En los próximos días el Instituto Juan de Mariana publicará un estudio sobre la Sociedad de Propietarios donde se explica cómo la capitalización de nuestros ahorros podría proporcionarnos, siendo conservadores en la estimación, unas rentas mensuales de más de 3000 euros a partir de los 50 años. En otras palabras, la retención coactiva por parte del Estado de la cuota de la Seguridad Social imposibilita que los trabajadores españoles inviertan esa porción de sus salarios y lograr remuneraciones mucho mayores a las que, aun en las previsiones más optimistas, podrá proporcionarles la Seguridad Social.
Por tanto, los intervencionistas son culpables de imponer por la fuerza un sistema que no sólo es ruinoso, sino que sólo ha distribuido unas míseras pensiones del todo insuficientes para lo que ellos mismos denominan una "vida digna". Cuando un estatista le diga que la privatización de las pensiones va en contra de la tercera edad, recuérdele que, muy al contrario, es la Seguridad Social y su intervencionismo rampante lo que empobrecen a los jubilados, atándoles a unas paupérrimas e inciertas rentas.
No sólo eso, a diferencia de los sistemas de reparto, los de capitalización incrementan los ahorros disponibles, y de este modo la inversión, la acumulación de capital y la productividad, dando lugar a aumentos de salario y a reducciones de precios.
En resumen, las pensiones privadas no quiebran, permiten incrementar los salarios, reducir los precios y, sobre todo, lograr una independencia financiera mucho mayor a la obtenida de las pensiones públicas.
Los principios de solidaridad y bienestar blandidos por los intervencionistas no son más que patrañas que ocultan una verdad inquietante: los sistemas de reparto empobrecen a todo el mundo salvo a los políticos, que siguen gestionando y manejando las vidas y ahorros de toda la sociedad. En la consecución de este fatal objetivo no se han privado de utilizar mentiras, propaganda, sentimentalismos baratos y torrentes de demagogia.

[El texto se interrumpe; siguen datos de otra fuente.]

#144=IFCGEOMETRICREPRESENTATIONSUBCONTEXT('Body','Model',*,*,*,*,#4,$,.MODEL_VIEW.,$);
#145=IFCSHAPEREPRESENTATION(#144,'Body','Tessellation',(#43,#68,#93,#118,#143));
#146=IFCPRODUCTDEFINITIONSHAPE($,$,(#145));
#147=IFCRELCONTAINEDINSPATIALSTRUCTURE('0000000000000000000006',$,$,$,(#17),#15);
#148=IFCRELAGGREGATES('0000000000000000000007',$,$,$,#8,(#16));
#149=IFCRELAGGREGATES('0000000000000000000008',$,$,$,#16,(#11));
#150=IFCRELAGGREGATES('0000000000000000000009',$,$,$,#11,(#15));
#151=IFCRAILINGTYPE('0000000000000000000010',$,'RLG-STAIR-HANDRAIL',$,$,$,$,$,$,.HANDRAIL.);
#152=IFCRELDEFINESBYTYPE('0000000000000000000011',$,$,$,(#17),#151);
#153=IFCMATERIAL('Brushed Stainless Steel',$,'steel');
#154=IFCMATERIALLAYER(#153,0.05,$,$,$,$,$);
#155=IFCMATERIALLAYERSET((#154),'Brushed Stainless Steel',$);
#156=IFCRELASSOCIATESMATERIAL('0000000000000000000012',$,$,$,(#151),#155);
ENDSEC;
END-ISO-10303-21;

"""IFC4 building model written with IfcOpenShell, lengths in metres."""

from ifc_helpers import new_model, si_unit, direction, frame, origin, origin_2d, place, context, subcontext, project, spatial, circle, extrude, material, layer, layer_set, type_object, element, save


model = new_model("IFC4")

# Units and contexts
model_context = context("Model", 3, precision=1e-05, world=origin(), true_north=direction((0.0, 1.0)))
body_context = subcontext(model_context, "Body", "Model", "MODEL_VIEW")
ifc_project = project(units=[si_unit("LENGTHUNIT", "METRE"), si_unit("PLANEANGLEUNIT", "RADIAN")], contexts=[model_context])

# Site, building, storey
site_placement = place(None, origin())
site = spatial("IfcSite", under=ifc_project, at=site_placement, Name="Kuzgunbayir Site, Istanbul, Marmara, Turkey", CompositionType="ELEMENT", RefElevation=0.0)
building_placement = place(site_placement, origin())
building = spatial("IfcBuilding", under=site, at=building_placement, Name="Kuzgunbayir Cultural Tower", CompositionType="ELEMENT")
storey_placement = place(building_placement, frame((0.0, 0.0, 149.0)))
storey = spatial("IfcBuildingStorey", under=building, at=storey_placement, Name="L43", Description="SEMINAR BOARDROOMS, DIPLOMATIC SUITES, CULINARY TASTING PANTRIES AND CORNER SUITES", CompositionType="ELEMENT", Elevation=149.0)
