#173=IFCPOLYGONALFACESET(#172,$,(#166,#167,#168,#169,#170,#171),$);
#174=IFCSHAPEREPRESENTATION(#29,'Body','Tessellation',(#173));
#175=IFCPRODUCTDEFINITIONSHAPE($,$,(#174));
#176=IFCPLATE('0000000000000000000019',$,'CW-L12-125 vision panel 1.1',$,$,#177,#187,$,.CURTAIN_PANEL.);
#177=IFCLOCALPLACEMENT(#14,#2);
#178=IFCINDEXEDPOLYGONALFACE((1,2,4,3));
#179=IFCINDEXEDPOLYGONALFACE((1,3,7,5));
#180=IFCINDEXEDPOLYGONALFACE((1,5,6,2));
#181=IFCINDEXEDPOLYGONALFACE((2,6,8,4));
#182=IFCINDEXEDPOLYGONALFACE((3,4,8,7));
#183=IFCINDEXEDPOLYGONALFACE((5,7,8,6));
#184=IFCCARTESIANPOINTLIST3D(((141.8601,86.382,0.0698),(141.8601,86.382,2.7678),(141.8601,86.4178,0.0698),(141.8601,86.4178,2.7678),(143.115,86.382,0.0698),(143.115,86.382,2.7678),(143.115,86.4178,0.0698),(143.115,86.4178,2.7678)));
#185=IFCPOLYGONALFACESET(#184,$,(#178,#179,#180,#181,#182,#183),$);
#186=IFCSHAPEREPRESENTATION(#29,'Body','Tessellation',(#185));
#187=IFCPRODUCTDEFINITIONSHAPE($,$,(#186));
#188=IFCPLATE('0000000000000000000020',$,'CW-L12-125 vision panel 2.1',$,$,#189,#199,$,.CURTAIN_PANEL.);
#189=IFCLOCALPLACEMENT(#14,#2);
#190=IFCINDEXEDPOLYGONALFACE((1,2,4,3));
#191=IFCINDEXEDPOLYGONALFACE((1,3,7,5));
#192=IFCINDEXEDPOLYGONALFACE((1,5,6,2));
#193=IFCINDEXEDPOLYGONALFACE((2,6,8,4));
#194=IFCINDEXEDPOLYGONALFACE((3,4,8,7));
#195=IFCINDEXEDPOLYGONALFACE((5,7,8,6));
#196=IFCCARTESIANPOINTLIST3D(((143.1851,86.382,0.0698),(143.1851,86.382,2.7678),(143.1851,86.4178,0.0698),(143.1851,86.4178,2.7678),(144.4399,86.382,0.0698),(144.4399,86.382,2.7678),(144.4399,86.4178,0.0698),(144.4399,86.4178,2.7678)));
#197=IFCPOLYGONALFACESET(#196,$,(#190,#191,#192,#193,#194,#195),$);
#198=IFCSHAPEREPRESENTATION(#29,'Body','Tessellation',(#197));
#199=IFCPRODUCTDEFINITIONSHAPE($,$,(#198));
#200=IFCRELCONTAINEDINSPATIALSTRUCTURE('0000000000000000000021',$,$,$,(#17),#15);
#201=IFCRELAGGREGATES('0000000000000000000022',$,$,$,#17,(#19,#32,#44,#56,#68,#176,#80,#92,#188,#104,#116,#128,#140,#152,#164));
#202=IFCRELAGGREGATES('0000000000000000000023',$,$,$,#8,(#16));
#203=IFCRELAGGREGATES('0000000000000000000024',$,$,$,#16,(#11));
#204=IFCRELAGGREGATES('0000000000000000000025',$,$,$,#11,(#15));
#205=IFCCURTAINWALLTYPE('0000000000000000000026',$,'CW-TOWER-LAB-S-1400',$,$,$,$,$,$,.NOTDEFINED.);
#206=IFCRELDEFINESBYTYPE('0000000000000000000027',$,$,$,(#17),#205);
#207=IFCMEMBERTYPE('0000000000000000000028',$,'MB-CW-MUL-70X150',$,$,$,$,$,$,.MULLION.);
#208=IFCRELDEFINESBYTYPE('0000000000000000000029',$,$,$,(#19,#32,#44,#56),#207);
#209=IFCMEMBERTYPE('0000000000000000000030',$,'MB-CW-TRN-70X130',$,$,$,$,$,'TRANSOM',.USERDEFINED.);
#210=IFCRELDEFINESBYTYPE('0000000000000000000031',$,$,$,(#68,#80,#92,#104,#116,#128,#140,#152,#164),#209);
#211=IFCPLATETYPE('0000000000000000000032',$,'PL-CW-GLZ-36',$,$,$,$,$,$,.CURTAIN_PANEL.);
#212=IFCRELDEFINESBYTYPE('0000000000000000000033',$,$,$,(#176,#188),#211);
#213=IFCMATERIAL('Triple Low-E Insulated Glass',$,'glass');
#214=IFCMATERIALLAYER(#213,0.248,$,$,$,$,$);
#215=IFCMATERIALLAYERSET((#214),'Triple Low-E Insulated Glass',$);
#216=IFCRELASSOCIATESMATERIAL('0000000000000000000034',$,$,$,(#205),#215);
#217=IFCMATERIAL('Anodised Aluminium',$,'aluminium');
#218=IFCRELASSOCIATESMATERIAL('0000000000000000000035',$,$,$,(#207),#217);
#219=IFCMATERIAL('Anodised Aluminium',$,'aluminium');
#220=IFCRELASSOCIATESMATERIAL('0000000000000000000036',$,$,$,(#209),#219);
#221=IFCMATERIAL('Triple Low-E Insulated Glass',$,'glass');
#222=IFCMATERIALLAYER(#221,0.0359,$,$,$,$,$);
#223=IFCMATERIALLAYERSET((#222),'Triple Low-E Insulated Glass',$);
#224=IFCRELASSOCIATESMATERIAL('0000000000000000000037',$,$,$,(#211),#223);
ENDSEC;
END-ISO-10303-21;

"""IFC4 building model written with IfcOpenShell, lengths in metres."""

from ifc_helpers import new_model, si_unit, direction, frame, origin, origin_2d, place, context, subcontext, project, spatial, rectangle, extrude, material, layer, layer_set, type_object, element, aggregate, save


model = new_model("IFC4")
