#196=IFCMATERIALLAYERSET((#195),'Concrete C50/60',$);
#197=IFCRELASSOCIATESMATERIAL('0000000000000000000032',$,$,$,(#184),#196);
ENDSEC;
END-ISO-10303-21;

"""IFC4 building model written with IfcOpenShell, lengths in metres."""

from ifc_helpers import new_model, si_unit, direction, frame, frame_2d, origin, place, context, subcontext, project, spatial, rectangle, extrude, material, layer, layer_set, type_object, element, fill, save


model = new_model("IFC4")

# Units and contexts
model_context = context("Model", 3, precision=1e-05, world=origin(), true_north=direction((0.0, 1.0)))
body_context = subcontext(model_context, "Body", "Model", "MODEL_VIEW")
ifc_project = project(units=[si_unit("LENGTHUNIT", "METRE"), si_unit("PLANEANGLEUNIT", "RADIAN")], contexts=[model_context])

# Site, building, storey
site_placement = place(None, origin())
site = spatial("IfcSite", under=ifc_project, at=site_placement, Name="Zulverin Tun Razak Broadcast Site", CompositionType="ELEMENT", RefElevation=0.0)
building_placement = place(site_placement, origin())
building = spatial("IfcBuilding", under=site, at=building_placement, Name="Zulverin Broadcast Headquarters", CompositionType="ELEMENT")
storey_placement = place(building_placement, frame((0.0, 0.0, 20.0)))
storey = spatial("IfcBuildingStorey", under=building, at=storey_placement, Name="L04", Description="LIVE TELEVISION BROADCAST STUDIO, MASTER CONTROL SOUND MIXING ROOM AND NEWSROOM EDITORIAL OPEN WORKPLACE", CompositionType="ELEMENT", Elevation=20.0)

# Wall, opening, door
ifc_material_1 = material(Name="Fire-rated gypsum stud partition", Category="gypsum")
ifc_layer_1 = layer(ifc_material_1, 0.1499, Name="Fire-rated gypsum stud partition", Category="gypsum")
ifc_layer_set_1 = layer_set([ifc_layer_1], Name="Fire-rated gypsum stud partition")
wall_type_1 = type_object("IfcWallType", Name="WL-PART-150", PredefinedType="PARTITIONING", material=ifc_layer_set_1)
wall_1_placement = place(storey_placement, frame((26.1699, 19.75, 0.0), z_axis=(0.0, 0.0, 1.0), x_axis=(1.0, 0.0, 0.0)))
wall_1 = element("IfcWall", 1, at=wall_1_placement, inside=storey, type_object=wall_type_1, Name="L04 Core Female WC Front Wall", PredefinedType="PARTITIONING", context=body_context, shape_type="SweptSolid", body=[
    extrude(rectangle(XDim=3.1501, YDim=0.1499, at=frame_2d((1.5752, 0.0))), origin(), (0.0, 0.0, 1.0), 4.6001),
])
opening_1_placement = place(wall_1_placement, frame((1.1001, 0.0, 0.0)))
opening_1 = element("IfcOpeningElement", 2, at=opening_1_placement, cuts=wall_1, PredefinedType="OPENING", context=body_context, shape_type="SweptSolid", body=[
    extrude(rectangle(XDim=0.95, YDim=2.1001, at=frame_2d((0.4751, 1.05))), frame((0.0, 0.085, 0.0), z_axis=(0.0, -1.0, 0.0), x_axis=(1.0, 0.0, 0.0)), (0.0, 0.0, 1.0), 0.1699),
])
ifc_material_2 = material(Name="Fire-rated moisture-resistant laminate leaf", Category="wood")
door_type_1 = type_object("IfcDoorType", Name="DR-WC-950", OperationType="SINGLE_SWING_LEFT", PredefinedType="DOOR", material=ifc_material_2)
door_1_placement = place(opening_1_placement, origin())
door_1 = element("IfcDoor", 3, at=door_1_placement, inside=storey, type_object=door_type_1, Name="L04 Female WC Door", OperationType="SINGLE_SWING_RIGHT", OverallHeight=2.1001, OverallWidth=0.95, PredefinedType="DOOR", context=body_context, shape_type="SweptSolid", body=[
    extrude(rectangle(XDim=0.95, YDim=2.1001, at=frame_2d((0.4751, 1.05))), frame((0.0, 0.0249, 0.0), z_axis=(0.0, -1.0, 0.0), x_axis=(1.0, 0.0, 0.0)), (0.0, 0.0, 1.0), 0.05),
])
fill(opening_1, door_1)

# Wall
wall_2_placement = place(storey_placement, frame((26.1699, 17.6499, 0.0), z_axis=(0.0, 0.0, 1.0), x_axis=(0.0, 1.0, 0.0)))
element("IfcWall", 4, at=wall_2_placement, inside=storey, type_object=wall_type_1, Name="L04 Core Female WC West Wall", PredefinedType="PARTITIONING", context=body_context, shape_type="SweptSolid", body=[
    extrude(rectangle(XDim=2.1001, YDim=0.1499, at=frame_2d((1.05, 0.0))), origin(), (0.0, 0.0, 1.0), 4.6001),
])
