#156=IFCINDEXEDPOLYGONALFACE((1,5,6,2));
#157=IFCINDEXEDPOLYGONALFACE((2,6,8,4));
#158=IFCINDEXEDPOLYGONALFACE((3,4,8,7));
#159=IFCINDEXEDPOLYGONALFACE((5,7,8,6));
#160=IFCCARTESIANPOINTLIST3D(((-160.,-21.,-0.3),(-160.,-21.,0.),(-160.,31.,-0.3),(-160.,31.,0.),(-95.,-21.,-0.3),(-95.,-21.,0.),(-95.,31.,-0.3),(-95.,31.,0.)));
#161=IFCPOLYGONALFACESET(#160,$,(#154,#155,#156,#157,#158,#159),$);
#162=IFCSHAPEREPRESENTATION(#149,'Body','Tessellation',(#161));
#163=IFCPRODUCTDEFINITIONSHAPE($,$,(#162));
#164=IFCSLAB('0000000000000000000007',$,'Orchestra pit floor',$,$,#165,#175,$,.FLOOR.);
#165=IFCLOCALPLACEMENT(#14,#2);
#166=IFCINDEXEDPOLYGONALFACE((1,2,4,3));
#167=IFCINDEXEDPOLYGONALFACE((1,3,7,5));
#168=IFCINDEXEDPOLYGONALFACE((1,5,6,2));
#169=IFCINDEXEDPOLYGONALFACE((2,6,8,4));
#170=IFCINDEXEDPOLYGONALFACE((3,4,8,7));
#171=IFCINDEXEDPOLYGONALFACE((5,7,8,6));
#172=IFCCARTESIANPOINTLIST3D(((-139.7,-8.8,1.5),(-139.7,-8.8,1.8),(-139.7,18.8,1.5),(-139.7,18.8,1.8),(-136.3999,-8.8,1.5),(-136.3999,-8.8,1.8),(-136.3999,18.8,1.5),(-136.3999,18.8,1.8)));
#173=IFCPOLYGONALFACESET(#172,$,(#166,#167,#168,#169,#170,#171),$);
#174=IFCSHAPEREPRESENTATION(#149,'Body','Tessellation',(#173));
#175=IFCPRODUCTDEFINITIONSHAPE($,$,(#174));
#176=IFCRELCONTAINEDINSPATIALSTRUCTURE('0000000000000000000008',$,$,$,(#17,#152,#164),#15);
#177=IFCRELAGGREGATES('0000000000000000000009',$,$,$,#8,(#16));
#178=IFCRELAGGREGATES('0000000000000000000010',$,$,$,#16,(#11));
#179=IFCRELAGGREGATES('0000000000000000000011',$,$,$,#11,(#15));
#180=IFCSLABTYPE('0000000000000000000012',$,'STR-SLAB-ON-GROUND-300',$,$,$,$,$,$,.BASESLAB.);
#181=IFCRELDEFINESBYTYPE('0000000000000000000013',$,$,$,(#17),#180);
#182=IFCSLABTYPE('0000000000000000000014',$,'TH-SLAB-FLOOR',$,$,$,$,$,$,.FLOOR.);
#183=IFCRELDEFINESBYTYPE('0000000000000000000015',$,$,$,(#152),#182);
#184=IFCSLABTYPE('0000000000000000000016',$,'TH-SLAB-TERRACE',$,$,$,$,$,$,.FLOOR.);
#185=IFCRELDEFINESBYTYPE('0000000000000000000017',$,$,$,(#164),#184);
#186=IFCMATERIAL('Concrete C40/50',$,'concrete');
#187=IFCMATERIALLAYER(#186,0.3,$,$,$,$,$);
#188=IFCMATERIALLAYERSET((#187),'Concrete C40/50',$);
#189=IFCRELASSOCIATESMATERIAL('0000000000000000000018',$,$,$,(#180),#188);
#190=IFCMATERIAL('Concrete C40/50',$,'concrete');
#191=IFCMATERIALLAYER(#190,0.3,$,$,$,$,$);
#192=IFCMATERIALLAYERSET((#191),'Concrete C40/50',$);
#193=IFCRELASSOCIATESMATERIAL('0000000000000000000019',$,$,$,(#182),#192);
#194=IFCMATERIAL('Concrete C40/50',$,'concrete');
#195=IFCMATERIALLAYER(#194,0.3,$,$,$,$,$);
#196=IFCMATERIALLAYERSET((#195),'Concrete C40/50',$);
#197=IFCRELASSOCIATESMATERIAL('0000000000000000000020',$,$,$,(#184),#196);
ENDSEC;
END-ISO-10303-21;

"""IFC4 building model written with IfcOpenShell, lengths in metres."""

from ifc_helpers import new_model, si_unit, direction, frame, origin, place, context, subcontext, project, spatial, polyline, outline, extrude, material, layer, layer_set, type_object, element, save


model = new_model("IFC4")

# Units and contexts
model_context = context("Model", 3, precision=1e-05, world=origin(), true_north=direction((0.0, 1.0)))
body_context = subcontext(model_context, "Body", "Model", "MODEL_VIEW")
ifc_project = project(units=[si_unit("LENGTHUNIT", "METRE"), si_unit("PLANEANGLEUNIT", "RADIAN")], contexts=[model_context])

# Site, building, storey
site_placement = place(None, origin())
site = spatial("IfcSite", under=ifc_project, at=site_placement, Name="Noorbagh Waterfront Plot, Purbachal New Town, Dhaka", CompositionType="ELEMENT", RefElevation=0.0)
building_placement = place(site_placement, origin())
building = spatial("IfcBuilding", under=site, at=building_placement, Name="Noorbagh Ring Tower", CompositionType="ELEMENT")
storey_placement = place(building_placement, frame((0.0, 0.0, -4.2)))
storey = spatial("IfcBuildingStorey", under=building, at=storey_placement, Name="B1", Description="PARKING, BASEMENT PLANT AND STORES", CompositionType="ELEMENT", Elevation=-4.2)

Poco les ha importado que estuvieran arruinando el presente e hipotecando el futuro de la sociedad. Los políticos sólo se mueven por la sed de poder; los de ahora no tendrán que afrontar la quiebra del sistema en el futuro, por lo que no moverán ni un dedo para ampliar nuestra libertad. Pero lo cierto es que cada día que pasa la transición se vuelve más complicada y costosa; su inacción represora actual será nuestro gran problema mañana. Lo saben todos tan bien como Almunia: es hora de poner fin a un esquema intervencionista que sólo ha traído pobreza y que nunca debería haber nacido.